The best exchange option also depends where you’re located.

For more information, you can check out this list of major bitcoin exchanges/wallets around the world, and the payment options they permit.

At this time, the largest utter trading exchanges by volume are Bitfinex (Hong Kong), Bitstamp (US), BTC-e (unknown), Kraken (US), Huobi (China and Hong Kong), OKCoin (China) and BTCC (China).

Coinbase is a popular wallet and exchange service that will also trade US dollars and euros for bitcoins. The company has web and mobile apps. Originally a US-only service, Coinbase has recently opened up to a large number of European countries.

Circle offers users worldwide the chance to store, send, receive and exchange bitcoins. Presently only US citizens are able to link bank accounts to deposit funds, but credit and debit cards are also an option. Apps for iOS and Android are now available.

Wallet and bitcoin debit card provider Xapo has also recently entered the fray, suggesting deposits in fiat currency that are converted to bitcoin in your account.

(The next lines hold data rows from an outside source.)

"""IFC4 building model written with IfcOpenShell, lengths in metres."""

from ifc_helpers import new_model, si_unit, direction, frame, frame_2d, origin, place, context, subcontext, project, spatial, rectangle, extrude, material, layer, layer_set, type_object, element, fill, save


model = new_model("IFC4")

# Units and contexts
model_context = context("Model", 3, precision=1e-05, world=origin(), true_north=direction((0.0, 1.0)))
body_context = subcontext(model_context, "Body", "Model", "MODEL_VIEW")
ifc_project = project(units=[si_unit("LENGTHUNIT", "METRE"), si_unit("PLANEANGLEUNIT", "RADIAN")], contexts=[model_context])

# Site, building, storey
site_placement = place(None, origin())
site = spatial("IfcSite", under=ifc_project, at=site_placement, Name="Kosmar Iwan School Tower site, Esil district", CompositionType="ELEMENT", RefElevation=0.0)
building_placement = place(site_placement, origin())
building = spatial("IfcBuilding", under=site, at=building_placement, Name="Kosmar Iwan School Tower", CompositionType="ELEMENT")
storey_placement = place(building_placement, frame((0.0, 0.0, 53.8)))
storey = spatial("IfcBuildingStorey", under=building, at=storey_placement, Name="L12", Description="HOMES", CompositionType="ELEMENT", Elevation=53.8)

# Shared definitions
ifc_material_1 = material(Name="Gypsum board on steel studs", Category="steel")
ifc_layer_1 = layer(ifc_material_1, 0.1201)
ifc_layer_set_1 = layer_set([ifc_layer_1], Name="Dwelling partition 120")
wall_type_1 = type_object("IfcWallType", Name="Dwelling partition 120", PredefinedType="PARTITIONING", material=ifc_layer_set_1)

Coinjar, an exchange and wallet provider, is the market leader in Australia. The Melbourne-based startup raised $500k AUD in venture funding and won an award at Finovate Europe two thousand fifteen for their user practice. The company released a debit card service, ‘Coinjar Swipe’ in February 2015.

The ‘Coinjar Swipe’ permits Australians to spend from Coinjar bitcoin accounts.

Unocoin is an exchange aimed at the Indian market, permitting users to buy, sell and store bitcoin. Deposits can be made via any national online bank or through NEFT/RTGS. Registration with a PAN card is necessary to use the site’s services.

Once you’ve set up your account, you’ll very likely need to link an existing bank account and arrange to budge funds inbetween it and your fresh exchange account via wire transfer. This usually entails a fee. Some exchanges permit you to make a deposit in person to their bank account (that is, via a human teller, not an ATM).

While people in most countries can transfer money to overseas accounts, fees are much higher and you may face more long delays switching your bitcoins back into fiat currency (should you still wish to do that).

If you are required to link a bank account to use the exchange, it may only admit banks from that country.